Alexander found a blue shovel in the toy box a while ago and suddenly his greatest dream was to visit the sandbox. He carried that shovel around with him for days and I kept promising to take him...eventually...but we live in a city where even finding appropriately socially distanced outside time can be difficult. But the weather was rather nice in the few days before Christmas (before we were plunged into below-freezing weather) so I decided to take Zoë and Alexander to the park while the bigger kids did one of the segments of their Lord of the Rings marathon.

The kids were fine without jackets, but I felt a little chilly. I guess I should have run around more!

We weren't wearing masks when we first got to the park because we were the only ones there, but then another family arrived so we put our masks on while they were getting out of the car. Here are the kids swinging:

Zoë is getting very good at pumping on the swing, though she still needs a bit of a push to get things going. Alexander still likes the baby swing but is insisting on the big kid swing more and more.

Here they are running down the path—Zoë has a bubble wand and is leaving a trail of bubbles behind her for Alexander to pop (but the bubbles didn't really show up in this picture, so just know that's what they're doing here):

One of the paths has bench swings every so often and the kids like to race from swing to swing while we walk, so here they are "resting":

And here's Zoë starting up a bubble race again:

The sandbox (which is truly a volleyball pit) was occupied, so instead of playing there we went to a little strip of sand between the path and the pond. It's definitely not designed for playing in...but sometimes you have to work with what's available.

Alexander was happy he got to use his sand toys. Here he is bringing a "cupcake" over to me. I'm standing in the sun because it was a little too chilly for me in the shade.

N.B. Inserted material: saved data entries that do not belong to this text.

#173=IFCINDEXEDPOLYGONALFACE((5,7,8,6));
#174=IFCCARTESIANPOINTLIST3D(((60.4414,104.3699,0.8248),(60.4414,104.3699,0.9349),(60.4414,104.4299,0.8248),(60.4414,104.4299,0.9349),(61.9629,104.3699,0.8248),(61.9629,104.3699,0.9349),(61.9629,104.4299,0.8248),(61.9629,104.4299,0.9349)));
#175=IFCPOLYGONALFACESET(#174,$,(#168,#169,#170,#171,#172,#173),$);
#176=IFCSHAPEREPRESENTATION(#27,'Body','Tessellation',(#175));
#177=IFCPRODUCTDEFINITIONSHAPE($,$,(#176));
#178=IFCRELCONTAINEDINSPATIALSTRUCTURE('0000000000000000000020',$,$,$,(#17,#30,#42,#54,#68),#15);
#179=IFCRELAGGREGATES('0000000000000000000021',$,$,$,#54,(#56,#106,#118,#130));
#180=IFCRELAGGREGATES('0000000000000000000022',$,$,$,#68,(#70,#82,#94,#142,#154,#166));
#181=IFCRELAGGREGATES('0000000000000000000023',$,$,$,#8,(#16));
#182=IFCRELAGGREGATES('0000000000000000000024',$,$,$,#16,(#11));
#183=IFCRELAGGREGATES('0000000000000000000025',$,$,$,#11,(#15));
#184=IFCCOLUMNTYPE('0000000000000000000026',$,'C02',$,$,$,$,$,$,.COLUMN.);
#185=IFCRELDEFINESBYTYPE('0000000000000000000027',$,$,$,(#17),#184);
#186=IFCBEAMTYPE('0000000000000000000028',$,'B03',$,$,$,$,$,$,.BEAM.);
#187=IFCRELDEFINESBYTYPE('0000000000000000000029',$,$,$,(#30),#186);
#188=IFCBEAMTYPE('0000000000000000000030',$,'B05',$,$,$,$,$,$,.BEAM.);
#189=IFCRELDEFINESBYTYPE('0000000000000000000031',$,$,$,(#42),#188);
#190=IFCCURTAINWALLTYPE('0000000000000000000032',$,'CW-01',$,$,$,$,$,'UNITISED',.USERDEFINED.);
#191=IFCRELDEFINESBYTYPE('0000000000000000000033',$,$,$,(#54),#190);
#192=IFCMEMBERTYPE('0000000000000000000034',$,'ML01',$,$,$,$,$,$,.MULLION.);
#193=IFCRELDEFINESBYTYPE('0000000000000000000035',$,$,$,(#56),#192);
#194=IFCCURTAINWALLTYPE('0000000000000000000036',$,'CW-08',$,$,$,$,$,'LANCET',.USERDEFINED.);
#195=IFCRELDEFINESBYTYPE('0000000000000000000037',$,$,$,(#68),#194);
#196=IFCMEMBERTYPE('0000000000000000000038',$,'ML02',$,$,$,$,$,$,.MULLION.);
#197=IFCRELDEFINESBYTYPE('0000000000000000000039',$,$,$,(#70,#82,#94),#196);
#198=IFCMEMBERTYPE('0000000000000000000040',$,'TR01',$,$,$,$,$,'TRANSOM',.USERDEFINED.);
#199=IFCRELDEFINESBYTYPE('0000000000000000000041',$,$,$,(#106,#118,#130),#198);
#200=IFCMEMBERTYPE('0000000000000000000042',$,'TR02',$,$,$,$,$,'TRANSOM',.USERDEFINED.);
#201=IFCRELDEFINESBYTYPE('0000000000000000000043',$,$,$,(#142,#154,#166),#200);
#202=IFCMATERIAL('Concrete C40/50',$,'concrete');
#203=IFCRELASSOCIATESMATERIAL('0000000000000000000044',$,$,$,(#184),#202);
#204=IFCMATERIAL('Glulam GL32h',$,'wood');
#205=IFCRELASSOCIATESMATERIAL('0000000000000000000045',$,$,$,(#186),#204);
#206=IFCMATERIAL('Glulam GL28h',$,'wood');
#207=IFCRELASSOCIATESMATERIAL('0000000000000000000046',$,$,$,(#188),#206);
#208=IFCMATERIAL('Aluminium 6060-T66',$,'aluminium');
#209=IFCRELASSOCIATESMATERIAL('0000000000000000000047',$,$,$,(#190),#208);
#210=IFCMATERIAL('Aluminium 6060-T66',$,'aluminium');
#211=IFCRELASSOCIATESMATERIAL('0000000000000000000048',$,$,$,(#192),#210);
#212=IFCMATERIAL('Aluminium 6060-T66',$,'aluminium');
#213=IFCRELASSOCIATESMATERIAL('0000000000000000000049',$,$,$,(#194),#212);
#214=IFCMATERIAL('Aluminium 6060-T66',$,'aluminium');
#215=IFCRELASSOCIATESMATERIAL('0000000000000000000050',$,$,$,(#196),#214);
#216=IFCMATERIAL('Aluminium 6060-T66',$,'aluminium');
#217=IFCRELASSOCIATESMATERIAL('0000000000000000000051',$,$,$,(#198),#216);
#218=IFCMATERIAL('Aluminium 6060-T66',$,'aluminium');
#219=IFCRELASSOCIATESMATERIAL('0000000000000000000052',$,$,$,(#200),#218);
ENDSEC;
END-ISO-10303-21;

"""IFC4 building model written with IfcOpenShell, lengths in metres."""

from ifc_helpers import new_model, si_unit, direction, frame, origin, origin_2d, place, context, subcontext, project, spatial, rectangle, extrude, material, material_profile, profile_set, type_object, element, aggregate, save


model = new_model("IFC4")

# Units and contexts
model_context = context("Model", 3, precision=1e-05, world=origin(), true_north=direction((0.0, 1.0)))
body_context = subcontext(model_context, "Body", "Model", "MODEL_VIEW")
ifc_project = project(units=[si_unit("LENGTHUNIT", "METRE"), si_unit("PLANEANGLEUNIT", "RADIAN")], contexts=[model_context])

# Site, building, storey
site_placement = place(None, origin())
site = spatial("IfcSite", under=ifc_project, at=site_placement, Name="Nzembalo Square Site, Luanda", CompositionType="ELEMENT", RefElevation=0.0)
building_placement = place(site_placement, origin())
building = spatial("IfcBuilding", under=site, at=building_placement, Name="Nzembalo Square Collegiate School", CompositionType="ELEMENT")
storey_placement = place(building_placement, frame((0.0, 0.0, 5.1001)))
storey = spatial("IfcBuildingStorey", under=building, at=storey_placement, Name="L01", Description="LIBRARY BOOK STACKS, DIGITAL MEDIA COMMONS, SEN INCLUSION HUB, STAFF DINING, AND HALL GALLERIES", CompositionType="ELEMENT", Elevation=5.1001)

You may have noticed that I convinced Zoë to put on her sweater (because it was chilly in the shade), but Alexander kept refusing even though he was cold because he already had a sweater on.

Here he is crying his great, big alligator tears because Zoë was enjoying being the alpha child a little too much. She was bossing him around and not letting him use any toys and that was really hard.

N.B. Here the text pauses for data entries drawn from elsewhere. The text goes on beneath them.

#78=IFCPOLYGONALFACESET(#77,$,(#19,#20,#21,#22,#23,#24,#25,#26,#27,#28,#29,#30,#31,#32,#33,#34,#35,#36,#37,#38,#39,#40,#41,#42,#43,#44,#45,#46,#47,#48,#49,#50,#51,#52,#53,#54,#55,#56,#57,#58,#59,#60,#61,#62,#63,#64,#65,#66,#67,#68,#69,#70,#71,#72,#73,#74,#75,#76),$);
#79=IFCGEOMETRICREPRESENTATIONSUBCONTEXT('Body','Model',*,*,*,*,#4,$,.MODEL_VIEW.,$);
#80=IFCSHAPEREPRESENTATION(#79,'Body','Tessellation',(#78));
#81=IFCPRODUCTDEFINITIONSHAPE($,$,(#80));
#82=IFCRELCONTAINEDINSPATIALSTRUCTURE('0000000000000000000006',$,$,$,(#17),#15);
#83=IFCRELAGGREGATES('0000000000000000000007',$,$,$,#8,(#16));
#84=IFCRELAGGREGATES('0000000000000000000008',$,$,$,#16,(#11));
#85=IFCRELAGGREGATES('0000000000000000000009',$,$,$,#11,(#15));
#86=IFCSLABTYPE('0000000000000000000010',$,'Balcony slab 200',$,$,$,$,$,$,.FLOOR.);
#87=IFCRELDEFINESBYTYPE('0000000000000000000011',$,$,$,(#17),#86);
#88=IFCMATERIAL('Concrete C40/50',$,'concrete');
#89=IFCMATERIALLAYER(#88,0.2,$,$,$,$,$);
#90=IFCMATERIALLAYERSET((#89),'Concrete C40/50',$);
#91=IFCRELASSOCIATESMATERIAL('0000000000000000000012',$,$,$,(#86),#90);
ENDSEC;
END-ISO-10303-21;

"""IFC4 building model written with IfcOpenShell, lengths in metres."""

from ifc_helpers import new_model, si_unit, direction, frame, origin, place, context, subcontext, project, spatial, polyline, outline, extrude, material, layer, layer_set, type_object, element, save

He is the world's wettest crier! 

We stuck him in time out a few days ago. I can't remember why because he's honestly usually a very sweet boy. But sometimes he does things that are rather naughty. Like, sometimes he bites people still (usually only when he's very frustrated...but still not okay). Or sometimes he will...I honestly can't think of much that he does besides the occasional bite (he'll tease the cat too much?). But he's a typical child, you know? He does stuff that isn't thought all the way through—stuff that hurts people's feelings (or bodies). He must have done something very naughty to be put in time out because he honestly has only ever had, like, three time outs in his life. I think it was Andrew who sent him to stand in the corner of his office this particular day.

I came to find him because he was howling

When I walked into the office he rushed into my arms and began blubbering about everything that was wrong with the world. I didn't understand a word he said, but Andrew explained the problem, and I agreed that that behaviour was rather out of line, and he buried his head in my shoulder and weeped and wailed a while longer. My shoulder was rather wet when he was finished.

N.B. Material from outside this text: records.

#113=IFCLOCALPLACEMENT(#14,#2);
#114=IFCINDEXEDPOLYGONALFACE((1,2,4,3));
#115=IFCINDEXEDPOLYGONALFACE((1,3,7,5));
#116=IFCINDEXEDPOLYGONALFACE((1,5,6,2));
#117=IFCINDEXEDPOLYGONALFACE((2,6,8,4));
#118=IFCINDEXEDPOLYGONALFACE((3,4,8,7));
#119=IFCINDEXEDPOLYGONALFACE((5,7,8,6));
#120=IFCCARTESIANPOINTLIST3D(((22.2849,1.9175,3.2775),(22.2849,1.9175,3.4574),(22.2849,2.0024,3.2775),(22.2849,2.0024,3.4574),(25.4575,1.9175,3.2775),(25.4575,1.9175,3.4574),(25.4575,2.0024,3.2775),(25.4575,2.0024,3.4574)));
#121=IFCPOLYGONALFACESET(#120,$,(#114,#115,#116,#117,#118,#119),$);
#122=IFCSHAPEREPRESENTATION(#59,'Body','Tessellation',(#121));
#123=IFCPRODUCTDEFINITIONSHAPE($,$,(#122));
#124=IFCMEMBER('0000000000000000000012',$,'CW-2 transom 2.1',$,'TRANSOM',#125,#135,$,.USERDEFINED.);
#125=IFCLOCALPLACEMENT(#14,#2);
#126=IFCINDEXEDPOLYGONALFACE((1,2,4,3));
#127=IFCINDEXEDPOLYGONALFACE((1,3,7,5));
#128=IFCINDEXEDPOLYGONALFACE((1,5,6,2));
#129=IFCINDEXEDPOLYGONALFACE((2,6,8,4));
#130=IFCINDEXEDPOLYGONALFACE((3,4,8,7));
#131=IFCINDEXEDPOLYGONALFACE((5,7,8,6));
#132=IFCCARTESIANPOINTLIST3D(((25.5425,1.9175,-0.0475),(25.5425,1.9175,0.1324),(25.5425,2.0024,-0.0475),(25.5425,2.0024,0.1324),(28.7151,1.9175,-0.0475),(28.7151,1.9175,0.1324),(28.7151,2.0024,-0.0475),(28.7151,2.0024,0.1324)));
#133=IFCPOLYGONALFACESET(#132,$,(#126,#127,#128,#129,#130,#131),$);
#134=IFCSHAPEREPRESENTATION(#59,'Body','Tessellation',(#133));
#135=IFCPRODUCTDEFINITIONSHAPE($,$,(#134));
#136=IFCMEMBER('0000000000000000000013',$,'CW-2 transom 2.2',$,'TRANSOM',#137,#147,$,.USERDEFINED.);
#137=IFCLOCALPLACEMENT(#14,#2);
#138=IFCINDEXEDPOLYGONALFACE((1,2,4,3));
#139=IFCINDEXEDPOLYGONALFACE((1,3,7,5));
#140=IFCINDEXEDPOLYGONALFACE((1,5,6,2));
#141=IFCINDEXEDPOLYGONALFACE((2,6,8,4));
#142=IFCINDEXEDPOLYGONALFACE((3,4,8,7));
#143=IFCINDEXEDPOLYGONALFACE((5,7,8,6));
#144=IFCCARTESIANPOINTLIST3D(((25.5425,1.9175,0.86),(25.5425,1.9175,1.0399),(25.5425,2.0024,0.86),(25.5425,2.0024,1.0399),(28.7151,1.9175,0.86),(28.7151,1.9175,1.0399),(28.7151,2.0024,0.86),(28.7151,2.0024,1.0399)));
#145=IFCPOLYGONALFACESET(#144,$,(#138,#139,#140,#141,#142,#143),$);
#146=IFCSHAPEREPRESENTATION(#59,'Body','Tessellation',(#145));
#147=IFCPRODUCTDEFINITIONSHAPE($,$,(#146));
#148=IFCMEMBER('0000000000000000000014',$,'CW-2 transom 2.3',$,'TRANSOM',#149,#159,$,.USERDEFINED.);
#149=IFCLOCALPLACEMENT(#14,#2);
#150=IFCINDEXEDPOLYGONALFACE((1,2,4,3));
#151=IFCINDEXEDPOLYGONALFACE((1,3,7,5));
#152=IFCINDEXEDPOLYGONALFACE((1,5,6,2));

But what really got us was the wall! The wall had tears running down it on both sides of the corner, with little puddles forming on the floor. 

After we wiped Alexander's face clean we had to wipe up the wall, too, and it was just so funny! 

Anyway, here he is after I made Zoë give him one (1) sand toy (huge sacrifice on her part, I know (she even kept the blue shovel that started it all)):

We went on a quick walk around the pond before heading home and the kids found a ladybug (which is a normal activity for December round these parts (the Canadian side of me finds that rather baffling)):

Oh, look! Alexander got his shovel back. Apparently Zoë didn't want to carry it around; she just wanted to play with it. But that was alright with Alexander because he really just wanted to carry it around and wasn't terribly upset about not getting to dig with it.

Regarding bugs, I just have to say that one of the best things about winter in the south is the noticeable decrease in bugs. We still have things like mosquitoes and ladybugs (obviously) but so many things are hunkering down for the winter and we just aren't seeing them, which is nice because we have a lot of bugs! So like a lot of people, we have a bug company come spray every once and again, to help keep things under control. 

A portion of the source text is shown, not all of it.